Sympathy, on the other hand, focuses on sharing and experiencing a person's bad news or feelings by feeling sorry for that person's feelings. In this scenario, it is about feeling bad for a student who goes through bullying. This intervention mainly focuses on the bullies. By being encouraged to take a moment to picture what their subjects go through and try feeling their pain, the bullies begin to feel the magnitude of the pain they put other innocent kids through. Not only does this help in changing the bully's perspective of their harmful acts, but by experiencing the pain other students go through, they most likely resolve to protect them from other forms of bullying by other students because they get to experience the feeling of vulnerability ( Brenick & Romano, 2016). When these two sides (empathy and sympathy) are brought together against bullying, they form a peer culture upon which protection against harassment is offered to more vulnerable students.
This anti-bullying curriculum is essential because it expounds o he characteristics of bullying and how the mentality can be changed and the energy of the bullies channeled into more productive use while at the same time coming up with measures to protect the vulnerable learners. Bullying happens when individuals continue to hurt, either physically, psychologically or, mentally another person on purpose. It involves an imbalance of power where the bully has more power due to age, size, or social status than the bullied parties. By pointing out that bullying occurs where there is an imbalance of power, the support system focuses on channeling this imbalance into the protection of the weaker learners. Here these weak learners are taught that they can rely on their more powerful friends for support and security ( Zych, Farrington, Llorent, & Ttofi, 2017). The culture in this group targets the creation of equal power, where equal power mainly implies approachability and embracing power diversity.

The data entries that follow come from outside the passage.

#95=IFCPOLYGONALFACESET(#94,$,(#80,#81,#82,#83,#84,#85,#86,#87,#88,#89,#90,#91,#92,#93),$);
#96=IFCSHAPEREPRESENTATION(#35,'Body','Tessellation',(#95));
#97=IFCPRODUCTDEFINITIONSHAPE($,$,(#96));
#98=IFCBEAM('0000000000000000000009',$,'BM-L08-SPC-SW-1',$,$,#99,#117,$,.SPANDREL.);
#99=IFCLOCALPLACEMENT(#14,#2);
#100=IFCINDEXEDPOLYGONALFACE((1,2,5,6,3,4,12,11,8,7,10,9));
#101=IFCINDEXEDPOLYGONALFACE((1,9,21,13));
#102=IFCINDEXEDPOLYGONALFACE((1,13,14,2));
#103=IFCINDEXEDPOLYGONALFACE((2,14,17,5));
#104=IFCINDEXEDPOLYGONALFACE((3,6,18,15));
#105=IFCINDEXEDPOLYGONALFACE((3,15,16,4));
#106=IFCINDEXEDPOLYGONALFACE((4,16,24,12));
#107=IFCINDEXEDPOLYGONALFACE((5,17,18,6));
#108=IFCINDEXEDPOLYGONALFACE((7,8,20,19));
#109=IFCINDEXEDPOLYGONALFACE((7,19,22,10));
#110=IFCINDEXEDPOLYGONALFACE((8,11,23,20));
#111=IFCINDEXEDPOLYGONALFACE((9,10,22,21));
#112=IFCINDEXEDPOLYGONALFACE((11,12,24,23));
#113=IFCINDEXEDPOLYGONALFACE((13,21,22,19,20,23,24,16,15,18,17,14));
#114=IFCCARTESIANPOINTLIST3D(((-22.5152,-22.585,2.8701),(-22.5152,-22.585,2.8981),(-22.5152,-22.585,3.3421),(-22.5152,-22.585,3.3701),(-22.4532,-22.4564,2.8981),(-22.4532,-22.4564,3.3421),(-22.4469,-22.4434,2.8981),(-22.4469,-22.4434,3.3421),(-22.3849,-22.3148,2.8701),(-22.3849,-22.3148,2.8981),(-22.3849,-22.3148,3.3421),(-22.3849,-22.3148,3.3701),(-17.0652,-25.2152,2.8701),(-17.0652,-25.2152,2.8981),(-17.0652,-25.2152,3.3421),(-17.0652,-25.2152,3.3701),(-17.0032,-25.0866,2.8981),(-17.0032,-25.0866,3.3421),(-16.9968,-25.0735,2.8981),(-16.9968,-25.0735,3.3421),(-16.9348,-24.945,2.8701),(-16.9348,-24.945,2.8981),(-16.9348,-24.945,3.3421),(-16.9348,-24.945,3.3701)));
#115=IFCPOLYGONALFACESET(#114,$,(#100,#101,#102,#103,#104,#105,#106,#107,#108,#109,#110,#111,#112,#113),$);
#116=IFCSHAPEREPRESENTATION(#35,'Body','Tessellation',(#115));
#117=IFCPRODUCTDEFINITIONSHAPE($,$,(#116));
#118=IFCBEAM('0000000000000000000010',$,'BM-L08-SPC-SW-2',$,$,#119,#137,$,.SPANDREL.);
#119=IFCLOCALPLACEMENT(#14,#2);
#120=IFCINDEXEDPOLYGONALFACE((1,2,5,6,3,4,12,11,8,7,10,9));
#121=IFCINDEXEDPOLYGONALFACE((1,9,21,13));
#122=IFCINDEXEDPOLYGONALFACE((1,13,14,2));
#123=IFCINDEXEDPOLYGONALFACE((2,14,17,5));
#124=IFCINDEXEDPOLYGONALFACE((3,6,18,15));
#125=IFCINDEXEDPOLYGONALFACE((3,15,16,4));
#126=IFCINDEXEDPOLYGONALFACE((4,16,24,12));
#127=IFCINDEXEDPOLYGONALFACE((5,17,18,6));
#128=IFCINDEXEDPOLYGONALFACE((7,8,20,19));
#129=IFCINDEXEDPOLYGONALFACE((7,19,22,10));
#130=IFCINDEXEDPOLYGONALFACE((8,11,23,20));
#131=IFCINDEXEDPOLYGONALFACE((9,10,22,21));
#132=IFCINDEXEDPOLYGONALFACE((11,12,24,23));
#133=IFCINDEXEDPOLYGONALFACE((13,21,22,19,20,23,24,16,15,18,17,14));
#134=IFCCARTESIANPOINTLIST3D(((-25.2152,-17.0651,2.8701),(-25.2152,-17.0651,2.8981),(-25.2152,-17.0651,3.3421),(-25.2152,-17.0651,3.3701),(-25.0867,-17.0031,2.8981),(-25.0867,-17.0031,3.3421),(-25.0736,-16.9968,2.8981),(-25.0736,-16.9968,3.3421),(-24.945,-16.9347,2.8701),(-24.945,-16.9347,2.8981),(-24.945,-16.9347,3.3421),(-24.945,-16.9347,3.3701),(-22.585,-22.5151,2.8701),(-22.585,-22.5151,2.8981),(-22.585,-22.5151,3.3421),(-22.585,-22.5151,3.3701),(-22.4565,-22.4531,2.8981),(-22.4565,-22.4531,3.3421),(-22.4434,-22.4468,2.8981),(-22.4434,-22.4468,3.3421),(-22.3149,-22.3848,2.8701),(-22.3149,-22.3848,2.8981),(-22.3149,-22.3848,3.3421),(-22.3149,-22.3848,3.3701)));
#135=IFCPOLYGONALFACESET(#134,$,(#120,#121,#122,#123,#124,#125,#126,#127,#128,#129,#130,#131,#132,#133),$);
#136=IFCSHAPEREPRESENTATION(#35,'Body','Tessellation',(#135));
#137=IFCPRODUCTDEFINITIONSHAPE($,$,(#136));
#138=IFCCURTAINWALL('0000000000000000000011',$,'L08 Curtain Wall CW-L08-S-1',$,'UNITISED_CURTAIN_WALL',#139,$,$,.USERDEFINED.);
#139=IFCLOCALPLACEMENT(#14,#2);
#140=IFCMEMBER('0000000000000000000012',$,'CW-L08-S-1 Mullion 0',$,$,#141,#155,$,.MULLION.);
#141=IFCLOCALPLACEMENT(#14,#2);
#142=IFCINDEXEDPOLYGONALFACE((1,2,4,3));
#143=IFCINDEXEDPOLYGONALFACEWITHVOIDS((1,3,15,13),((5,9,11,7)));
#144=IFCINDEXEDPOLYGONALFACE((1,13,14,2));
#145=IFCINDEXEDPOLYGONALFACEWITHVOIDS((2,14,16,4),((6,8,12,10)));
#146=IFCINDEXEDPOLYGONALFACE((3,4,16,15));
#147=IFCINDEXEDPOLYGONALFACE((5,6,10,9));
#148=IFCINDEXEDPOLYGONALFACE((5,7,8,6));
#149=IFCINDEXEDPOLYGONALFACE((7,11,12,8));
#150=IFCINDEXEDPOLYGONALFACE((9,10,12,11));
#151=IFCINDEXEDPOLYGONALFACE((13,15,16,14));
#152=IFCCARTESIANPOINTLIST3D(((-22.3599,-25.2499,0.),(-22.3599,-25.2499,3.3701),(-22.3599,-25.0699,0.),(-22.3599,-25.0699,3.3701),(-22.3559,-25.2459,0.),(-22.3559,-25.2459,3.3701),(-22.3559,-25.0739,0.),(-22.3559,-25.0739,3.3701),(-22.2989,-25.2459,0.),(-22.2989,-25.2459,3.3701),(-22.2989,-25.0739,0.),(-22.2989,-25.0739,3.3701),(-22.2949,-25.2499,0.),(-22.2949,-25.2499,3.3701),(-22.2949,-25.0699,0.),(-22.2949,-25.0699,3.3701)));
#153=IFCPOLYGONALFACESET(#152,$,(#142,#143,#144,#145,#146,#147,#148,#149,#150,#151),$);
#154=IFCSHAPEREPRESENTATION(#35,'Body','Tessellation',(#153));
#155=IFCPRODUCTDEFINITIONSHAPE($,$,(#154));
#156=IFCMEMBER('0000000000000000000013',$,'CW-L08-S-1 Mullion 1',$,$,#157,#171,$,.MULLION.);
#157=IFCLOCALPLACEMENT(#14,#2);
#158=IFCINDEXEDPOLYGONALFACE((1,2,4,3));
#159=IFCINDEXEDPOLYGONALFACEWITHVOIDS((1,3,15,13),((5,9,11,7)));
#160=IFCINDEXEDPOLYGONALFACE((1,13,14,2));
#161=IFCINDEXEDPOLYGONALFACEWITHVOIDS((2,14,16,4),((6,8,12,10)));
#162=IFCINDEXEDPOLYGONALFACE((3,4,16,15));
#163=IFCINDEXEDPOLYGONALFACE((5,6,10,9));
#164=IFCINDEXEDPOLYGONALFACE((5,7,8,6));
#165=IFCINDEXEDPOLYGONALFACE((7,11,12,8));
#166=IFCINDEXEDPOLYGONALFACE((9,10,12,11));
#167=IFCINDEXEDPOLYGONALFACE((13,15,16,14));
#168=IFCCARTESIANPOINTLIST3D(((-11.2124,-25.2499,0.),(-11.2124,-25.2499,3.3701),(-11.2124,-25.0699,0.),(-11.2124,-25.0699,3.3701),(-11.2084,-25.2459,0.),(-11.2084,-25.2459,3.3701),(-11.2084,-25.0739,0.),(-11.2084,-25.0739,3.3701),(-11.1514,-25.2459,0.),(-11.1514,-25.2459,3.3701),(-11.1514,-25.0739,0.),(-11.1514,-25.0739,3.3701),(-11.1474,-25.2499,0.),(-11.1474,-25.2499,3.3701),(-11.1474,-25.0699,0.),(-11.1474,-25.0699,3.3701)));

In conclusion, this article focuses on the creation of positive peer culture models that emphasize on protection and the establishment of equal power as one of the main ways to curb bullying across American schools which have been rapidly growing in the recent past despite the establishment of strict rules and penalties for bullying. This paper attributes this to the fact that there have not been stable models at the student levels that is geared towards enlightening the students on the roles they play or could play in changing the course of this sad reality. It is essential, as the paper argues, for schools to develop models of positive peer culture in schools where students are taught the art of standing up for each other, since bullying is more of a mentality issue that cannot be quickly dealt with through school's rules and regulations if this mentality is not adequately addressed.
References
Brenick, A., & Romano, K. (2016). Perceived Peer and Parent Out‐Group Norms, Cultural Identity, and Adolescents’ Reasoning About Peer Intergroup Exclusion. Child development , 87 (5), 1392-1408.
de Vries, D. A., Peter, J., de Graaf, H., & Nikken, P. (2016). Adolescents’ social network site use, peer appearance-related feedback, and body dissatisfaction: Testing a mediation model. Journal of youth and adolescence , 45 (1), 211-224.
Hawkins, J. D., & Weis, J. G. (2017). The social development model: An integrated approach to delinquency prevention. In Developmental and Life-course Criminological Theories (pp. 3-27). Routledge.
Zych, I., Farrington, D. P., Llorent, V. J., & Ttofi, M. M. (2017). Protecting Children Through Anti-Bullying Interventions. In Protecting Children Against Bullying and Its Consequences (pp. 57-68). Springer, Cham.